A lift of the Seiberg-Witten equations to Kaluza-Klein five-manifolds

We consider Riemannian four-manifolds (X, gX) with a spin(c)-structure and a suitable circle bundle Y over X such that the spinc-structure on X lifts to a spin-structure on Y. With respect to these structures, a spinor phi on X lifts to an untwisted spinor psi on Y and a U(1)-gauge field A for the spin(c)-structure can be absorbed into a Kaluza-Klein metric g(Y)(A) on Y. We show that irreducible solutions (A, phi) to the Seiberg-Witten equations on (X, gX) for the given spin(c)-structure are equivalent to irreducible solutions. of a Dirac equation with cubic non-linearity on the Kaluza-Klein circle bundle (Y, g(Y)(A)).
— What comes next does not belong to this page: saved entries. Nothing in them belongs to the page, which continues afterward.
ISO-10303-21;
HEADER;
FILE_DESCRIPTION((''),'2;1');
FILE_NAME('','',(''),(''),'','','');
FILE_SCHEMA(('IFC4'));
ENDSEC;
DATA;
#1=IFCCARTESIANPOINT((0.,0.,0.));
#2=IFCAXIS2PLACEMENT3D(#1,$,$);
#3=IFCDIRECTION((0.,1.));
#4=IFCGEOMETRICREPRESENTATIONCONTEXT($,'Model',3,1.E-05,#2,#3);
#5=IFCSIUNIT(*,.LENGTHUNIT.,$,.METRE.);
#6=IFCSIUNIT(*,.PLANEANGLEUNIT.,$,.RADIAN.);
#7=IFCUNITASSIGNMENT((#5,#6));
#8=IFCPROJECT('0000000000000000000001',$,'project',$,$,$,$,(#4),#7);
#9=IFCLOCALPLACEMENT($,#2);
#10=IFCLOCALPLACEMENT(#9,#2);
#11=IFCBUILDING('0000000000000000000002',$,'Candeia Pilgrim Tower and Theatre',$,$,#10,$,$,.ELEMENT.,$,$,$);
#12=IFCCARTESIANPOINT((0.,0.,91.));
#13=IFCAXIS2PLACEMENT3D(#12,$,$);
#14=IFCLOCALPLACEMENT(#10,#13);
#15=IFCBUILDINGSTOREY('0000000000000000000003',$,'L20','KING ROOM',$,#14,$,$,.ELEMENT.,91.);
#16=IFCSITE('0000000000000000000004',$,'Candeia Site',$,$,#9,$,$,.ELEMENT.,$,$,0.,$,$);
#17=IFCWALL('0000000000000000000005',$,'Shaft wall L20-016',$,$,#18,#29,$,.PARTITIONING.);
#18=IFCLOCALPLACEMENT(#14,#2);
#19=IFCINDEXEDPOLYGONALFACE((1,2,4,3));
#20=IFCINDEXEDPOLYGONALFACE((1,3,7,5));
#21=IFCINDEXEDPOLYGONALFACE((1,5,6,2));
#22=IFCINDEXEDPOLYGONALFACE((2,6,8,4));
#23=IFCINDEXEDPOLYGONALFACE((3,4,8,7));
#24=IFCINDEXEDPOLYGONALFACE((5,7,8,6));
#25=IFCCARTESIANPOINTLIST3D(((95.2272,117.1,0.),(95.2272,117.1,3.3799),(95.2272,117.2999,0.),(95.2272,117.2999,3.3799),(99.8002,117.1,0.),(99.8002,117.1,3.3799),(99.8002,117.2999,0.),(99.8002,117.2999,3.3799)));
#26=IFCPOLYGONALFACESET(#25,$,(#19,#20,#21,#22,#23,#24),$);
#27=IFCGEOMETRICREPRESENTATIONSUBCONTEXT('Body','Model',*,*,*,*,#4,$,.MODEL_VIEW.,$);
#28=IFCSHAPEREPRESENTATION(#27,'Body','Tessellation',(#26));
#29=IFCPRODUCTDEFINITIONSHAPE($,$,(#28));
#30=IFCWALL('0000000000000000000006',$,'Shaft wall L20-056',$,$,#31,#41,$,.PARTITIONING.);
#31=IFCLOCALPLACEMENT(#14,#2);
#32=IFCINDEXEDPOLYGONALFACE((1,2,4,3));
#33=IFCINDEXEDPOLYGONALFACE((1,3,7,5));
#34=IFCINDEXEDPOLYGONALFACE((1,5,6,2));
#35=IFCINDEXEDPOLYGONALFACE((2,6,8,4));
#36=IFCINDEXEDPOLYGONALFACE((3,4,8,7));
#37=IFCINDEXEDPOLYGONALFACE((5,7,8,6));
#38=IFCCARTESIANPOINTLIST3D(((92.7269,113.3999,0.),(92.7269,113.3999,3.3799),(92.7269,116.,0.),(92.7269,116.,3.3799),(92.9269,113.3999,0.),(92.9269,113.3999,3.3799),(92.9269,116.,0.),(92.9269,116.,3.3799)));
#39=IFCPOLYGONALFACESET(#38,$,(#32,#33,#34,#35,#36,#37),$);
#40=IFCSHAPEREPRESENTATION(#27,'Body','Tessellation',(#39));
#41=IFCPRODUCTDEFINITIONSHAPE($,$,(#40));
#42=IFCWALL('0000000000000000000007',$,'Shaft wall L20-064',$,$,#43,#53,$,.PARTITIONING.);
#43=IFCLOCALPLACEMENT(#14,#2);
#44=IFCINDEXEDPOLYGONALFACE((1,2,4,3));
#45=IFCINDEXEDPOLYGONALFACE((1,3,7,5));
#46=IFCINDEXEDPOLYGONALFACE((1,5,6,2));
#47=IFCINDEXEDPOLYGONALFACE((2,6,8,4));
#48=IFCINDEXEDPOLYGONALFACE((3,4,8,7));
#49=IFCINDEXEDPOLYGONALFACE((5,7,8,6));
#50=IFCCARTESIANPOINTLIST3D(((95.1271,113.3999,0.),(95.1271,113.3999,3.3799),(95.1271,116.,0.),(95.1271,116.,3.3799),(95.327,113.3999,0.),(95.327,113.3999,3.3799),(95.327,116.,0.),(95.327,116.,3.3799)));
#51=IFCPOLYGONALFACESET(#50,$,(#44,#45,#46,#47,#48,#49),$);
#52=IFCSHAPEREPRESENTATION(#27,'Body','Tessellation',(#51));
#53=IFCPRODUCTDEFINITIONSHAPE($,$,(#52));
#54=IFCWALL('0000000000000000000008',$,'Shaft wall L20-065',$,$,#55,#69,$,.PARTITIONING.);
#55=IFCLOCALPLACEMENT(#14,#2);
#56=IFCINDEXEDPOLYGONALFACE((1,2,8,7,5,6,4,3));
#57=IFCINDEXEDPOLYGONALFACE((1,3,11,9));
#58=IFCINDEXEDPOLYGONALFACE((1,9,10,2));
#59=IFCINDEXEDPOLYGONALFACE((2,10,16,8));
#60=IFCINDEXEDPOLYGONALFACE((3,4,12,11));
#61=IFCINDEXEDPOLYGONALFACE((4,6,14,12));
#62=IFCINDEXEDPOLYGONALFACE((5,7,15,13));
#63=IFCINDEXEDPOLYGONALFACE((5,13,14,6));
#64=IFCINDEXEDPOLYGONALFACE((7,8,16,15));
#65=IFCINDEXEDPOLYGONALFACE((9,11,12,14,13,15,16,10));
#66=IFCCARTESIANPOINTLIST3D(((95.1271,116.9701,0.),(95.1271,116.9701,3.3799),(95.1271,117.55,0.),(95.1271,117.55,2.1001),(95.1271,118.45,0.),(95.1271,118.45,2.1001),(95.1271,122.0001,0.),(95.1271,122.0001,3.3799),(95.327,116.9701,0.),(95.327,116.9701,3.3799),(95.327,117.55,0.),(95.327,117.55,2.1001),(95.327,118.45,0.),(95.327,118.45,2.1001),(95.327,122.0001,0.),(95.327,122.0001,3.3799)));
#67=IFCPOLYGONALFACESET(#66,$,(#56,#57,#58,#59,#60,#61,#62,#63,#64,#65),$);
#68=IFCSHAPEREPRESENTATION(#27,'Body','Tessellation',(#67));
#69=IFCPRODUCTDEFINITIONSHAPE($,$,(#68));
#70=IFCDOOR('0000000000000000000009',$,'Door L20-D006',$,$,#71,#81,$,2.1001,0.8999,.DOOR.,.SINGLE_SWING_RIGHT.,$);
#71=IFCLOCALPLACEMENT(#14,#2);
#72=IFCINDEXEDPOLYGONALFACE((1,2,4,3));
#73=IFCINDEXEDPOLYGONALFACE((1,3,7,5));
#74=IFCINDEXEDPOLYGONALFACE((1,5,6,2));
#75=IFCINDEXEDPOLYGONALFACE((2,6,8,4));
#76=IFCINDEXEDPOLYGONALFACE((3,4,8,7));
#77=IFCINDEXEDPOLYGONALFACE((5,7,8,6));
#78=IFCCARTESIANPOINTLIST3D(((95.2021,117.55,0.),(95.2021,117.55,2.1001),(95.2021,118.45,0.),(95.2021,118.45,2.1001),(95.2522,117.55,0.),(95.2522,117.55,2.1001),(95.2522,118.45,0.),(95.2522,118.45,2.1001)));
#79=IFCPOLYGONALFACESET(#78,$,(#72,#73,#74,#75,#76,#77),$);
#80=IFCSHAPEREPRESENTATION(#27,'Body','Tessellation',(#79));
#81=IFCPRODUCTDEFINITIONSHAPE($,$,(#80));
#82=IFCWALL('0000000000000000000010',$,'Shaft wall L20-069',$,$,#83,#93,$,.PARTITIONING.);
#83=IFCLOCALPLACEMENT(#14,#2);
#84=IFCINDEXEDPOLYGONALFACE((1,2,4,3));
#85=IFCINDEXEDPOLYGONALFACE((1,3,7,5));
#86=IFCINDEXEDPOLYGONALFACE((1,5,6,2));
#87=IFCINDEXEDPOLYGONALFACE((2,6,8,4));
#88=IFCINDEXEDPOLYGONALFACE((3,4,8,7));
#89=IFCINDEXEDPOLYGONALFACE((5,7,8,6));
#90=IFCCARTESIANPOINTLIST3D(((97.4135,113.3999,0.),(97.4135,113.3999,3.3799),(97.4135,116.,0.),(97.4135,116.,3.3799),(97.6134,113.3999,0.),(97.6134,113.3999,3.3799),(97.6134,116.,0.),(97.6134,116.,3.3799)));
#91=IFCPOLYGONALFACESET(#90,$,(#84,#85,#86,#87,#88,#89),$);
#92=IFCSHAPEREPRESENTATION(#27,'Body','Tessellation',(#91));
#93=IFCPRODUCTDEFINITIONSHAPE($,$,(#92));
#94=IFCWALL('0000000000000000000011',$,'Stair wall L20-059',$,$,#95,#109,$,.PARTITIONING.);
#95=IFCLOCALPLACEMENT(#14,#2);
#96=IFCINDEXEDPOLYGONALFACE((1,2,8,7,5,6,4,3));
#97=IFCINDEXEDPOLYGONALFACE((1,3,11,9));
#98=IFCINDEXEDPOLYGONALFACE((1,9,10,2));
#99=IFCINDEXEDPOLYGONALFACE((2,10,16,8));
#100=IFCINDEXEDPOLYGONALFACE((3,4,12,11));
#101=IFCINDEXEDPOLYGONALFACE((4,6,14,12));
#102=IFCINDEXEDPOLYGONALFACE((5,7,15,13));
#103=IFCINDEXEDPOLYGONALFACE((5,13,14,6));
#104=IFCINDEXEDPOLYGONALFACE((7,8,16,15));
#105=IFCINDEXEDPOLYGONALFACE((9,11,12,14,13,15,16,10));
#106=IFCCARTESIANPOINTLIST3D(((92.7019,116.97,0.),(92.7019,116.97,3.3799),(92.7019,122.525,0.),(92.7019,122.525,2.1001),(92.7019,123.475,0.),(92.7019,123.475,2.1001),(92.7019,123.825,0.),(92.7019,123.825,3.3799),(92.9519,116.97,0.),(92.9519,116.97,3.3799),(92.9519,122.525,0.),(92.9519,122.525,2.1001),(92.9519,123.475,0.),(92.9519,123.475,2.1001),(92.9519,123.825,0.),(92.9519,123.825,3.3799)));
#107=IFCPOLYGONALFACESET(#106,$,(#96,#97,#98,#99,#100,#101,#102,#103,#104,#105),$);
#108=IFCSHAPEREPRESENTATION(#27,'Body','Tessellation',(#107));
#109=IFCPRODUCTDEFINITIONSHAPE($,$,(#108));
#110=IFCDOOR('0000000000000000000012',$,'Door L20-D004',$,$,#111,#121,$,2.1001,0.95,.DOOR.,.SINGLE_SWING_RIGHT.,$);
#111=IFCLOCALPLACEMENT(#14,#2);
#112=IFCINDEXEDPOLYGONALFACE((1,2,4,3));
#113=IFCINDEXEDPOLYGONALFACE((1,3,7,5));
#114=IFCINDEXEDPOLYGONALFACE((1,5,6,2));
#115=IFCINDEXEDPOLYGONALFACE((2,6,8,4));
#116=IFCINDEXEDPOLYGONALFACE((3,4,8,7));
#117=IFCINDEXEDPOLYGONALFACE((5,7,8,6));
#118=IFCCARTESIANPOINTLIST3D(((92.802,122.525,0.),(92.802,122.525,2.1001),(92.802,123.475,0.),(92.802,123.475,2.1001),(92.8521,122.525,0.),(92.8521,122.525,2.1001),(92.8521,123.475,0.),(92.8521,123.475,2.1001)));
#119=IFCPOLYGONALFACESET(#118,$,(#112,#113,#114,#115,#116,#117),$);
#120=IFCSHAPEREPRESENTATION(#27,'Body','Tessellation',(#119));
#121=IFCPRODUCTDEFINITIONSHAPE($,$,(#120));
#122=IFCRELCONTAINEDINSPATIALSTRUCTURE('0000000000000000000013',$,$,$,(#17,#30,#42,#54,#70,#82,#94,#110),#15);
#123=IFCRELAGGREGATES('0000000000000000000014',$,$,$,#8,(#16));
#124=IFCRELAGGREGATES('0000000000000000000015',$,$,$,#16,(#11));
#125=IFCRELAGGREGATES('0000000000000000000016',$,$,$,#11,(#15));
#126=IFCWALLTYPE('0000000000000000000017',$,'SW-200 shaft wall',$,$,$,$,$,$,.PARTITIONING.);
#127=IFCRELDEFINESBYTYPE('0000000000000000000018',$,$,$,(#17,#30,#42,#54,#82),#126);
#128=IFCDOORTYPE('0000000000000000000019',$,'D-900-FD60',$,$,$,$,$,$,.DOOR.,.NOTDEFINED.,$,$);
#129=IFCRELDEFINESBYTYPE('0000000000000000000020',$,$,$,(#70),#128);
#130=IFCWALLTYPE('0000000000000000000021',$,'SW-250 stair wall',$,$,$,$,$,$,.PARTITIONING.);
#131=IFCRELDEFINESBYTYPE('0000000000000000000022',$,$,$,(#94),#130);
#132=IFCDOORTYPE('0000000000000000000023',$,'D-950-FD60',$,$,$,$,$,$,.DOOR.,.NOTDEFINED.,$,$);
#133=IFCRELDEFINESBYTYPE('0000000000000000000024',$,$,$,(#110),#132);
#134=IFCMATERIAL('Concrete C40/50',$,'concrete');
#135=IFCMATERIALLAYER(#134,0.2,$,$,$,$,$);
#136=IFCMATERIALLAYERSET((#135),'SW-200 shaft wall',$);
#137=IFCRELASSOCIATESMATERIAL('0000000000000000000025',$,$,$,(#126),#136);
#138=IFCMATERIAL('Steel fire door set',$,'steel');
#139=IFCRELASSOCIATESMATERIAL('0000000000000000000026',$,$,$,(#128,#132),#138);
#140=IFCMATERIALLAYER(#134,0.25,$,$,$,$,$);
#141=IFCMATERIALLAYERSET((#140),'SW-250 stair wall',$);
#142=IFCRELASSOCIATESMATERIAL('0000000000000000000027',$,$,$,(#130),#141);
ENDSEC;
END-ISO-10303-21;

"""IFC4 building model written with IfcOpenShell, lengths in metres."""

from ifc_helpers import new_model, si_unit, direction, frame, frame_2d, origin, place, context, subcontext, project, spatial, rectangle, extrude, material, layer, layer_set, type_object, element, fill, save


model = new_model("IFC4")

# Units and contexts
model_context = context("Model", 3, precision=1e-05, world=origin(), true_north=direction((0.0, 1.0)))
body_context = subcontext(model_context, "Body", "Model", "MODEL_VIEW")
ifc_project = project(units=[si_unit("LENGTHUNIT", "METRE"), si_unit("PLANEANGLEUNIT", "RADIAN")], contexts=[model_context])

# Site, building, storey
site_placement = place(None, origin())
site = spatial("IfcSite", under=ifc_project, at=site_placement, Name="Candeia Site", CompositionType="ELEMENT", RefElevation=0.0)
building_placement = place(site_placement, origin())
building = spatial("IfcBuilding", under=site, at=building_placement, Name="Candeia Pilgrim Tower and Theatre", CompositionType="ELEMENT")
storey_placement = place(building_placement, frame((0.0, 0.0, 91.0)))
storey = spatial("IfcBuildingStorey", under=building, at=storey_placement, Name="L20", Description="KING ROOM", CompositionType="ELEMENT", Elevation=91.0)

# Shared definitions
ifc_material_1 = material(Name="Steel fire door set", Category="steel")

# Shared definitions
ifc_material_2 = material(Name="Concrete C40/50", Category="concrete")
ifc_layer_1 = layer(ifc_material_2, 0.2)
ifc_layer_set_1 = layer_set([ifc_layer_1], Name="SW-200 shaft wall")
wall_type_1 = type_object("IfcWallType", Name="SW-200 shaft wall", PredefinedType="PARTITIONING", material=ifc_layer_set_1)

# Walls
wall_1_placement = place(storey_placement, frame((95.2271, 117.2, 0.0), z_axis=(0.0, 0.0, 1.0), x_axis=(1.0, 0.0, 0.0)))
element("IfcWall", 1, at=wall_1_placement, inside=storey, type_object=wall_type_1, Name="Shaft wall L20-016", PredefinedType="PARTITIONING", context=body_context, shape_type="SweptSolid", body=[
    extrude(rectangle(XDim=4.573, YDim=0.2, at=frame_2d((2.2866, 0.0))), origin(), (0.0, 0.0, 1.0), 3.3799),
])
for number, where, z_axis, x_axis, name in (
    (2, (92.8269, 113.3999, 0.0), (0.0, 0.0, 1.0), (0.0, 1.0, 0.0), "Shaft wall L20-056"),
    (3, (95.2271, 113.3999, 0.0), (0.0, 0.0, 1.0), (0.0, 1.0, 0.0), "Shaft wall L20-064"),
):
    element("IfcWall", number, at=place(storey_placement, frame(where, z_axis=z_axis, x_axis=x_axis)), inside=storey, type_object=wall_type_1, Name=name, PredefinedType="PARTITIONING", context=body_context, shape_type="SweptSolid", body=[
        extrude(rectangle(XDim=2.6001, YDim=0.2, at=frame_2d((1.3, 0.0))), origin(), (0.0, 0.0, 1.0), 3.3799),
    ])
As an application, we consider solutions to the equations in the case of Sasaki five-manifolds, which are circle bundles over Kahler-Einstein surfaces.

Automated summary

This study focuses on Riemannian four-manifolds with spin(c)-structures and circle bundles, showing the equivalence between irreducible solutions to the Seiberg-Witten equations on the four-manifold and solutions to a Dirac equation on the Kaluza-Klein circle bundle. An application to Sasaki five-manifolds, circle bundles over Kahler-Einstein surfaces, is also considered.